How long should I study for CKA?

Plan for 80-120 hours of hands-on study over 4-8 weeks. The CKA requires practical experience—you cannot pass by memorizing theory. Key preparation: 1) Set up a practice cluster (minikube, kind, or cloud), 2) Complete all tasks in the CKA curriculum multiple times, 3) Practice with kubectl imperative commands for speed, 4) Take timed practice exams, 5) Master troubleshooting workflows. Focus on Troubleshooting (30%) and Cluster Architecture (25%)—together they are 55% of the exam.

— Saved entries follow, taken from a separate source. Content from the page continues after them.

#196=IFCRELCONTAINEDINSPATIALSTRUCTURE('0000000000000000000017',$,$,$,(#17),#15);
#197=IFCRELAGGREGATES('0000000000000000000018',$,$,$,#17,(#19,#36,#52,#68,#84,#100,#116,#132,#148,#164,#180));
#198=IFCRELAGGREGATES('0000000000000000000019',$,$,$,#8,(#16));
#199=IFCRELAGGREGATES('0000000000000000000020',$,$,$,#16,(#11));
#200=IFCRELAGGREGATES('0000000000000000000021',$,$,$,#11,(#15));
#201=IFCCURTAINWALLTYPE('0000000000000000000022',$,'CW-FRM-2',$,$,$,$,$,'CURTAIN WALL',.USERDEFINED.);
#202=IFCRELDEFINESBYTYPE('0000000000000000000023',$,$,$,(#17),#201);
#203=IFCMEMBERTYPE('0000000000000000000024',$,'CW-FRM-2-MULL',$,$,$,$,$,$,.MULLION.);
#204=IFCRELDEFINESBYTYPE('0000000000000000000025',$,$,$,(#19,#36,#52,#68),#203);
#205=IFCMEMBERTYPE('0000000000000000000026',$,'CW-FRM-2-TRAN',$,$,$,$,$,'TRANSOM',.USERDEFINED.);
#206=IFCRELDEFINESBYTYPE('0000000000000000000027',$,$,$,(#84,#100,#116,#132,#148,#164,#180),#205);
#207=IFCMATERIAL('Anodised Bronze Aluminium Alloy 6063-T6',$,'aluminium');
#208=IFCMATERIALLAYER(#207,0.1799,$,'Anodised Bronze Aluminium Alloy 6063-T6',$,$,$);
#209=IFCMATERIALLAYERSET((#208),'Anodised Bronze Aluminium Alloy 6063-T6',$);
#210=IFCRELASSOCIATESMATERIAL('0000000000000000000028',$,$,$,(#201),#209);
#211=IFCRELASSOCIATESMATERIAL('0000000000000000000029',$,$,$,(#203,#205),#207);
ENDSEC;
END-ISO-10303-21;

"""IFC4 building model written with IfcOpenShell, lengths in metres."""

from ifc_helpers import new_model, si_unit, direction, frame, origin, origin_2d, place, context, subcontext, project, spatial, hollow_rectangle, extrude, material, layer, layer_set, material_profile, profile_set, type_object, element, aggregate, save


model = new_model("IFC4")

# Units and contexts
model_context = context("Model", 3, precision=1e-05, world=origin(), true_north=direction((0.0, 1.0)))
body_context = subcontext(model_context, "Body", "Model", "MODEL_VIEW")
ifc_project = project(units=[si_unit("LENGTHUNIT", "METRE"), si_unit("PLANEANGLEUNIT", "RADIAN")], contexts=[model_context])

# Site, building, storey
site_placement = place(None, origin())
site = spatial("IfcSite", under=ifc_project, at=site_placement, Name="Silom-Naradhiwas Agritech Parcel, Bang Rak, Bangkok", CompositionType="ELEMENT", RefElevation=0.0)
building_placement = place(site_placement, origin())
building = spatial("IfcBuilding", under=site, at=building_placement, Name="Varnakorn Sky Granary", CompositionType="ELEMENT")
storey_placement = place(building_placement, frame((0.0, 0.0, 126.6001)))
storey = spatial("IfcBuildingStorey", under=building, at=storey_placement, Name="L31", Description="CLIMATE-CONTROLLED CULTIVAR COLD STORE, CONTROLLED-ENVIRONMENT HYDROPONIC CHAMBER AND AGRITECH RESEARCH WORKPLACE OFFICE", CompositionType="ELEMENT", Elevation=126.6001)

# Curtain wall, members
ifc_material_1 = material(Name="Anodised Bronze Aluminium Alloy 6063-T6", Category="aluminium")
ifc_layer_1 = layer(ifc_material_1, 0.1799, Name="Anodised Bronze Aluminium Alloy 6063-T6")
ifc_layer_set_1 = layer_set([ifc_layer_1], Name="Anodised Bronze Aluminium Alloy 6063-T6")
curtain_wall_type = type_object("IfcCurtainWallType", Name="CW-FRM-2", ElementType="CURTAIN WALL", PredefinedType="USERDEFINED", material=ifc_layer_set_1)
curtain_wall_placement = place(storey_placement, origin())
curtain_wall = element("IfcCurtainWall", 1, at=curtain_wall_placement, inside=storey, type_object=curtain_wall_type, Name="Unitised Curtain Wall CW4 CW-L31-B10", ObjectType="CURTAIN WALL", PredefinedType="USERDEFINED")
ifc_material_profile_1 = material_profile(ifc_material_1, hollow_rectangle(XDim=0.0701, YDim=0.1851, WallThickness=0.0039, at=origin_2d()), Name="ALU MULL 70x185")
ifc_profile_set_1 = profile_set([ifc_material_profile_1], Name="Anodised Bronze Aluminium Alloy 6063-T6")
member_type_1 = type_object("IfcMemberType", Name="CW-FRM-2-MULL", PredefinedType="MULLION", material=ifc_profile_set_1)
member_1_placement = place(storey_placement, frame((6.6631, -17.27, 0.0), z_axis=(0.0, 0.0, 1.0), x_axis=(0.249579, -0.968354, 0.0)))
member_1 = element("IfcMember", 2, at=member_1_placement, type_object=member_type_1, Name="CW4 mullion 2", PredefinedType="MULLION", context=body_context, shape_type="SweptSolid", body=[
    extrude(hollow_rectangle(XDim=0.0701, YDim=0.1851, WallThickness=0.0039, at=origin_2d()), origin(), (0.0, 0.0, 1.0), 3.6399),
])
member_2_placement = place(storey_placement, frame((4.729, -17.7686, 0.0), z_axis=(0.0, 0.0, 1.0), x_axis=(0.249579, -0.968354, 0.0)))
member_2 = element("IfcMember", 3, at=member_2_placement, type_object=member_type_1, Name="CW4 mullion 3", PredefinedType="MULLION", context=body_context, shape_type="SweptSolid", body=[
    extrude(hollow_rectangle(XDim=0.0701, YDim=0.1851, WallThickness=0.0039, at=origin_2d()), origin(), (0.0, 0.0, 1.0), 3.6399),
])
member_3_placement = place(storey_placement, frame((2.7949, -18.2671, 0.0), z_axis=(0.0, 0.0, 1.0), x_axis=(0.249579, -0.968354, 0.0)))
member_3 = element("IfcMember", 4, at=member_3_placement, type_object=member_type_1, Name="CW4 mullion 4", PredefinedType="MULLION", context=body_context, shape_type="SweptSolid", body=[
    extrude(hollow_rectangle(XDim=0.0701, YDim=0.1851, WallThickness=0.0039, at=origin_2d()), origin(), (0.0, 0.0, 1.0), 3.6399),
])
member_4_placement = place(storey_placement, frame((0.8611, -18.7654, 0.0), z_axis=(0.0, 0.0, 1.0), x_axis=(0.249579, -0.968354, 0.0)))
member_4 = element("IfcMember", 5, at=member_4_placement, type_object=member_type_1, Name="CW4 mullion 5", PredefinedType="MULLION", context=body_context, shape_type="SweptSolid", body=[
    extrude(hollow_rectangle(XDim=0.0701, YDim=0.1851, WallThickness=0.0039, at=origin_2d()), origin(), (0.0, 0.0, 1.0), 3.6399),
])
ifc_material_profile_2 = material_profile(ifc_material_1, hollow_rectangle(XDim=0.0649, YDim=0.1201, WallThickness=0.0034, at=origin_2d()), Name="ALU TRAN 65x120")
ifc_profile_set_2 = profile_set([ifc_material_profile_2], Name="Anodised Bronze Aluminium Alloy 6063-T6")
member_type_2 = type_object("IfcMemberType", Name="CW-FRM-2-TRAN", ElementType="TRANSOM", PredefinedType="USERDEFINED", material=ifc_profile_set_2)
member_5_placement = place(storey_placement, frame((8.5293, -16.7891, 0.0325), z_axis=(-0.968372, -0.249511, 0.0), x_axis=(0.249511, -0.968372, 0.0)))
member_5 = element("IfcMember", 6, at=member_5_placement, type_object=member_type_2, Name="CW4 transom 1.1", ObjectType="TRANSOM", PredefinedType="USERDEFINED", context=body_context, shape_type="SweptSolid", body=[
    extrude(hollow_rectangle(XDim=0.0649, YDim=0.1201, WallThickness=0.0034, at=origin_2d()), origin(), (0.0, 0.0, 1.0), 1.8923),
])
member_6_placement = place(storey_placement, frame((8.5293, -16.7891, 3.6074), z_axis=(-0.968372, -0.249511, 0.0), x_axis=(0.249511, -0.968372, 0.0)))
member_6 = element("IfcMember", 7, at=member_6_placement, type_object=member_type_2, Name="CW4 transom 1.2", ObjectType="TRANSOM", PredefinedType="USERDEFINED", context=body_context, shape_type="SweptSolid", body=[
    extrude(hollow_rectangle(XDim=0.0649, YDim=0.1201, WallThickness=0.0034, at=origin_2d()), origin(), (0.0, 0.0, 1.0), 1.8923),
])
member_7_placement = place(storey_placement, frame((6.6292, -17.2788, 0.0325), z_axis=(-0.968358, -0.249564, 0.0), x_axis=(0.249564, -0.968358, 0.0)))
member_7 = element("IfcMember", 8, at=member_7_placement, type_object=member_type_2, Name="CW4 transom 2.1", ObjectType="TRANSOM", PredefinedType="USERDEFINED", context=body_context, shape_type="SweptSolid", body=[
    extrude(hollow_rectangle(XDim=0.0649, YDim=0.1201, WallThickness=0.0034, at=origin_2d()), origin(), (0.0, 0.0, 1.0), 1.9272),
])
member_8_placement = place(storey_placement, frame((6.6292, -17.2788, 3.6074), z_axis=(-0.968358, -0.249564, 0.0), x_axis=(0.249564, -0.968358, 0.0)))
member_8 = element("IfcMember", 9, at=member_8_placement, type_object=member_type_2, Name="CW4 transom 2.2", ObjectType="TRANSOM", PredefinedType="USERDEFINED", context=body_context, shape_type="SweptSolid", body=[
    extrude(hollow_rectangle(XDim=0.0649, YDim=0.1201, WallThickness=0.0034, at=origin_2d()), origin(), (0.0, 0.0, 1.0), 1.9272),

What changed in the CKA 2025/2026 exam?

The CKA exam was updated to Kubernetes v1.34 (as of early 2026). Key changes include: Updated for newer Kubernetes features, Gateway API added to the Services & Networking domain, improved exam environment with better terminal and IDE-like editor. Always check the official CNCF CKA curriculum for the most current information.

Is CKA worth it in 2026?

Yes — CKA remains the gold standard for Kubernetes administration. Kubernetes is the dominant container orchestration platform, and CKA-certified professionals are in high demand. Cloud-native roles (DevOps, Platform Engineering, SRE) often require or prefer CKA. According to industry data, CKA-certified professionals earn 15-25% more than non-certified peers in similar roles. The certification is valid for 2 years and requires recertification.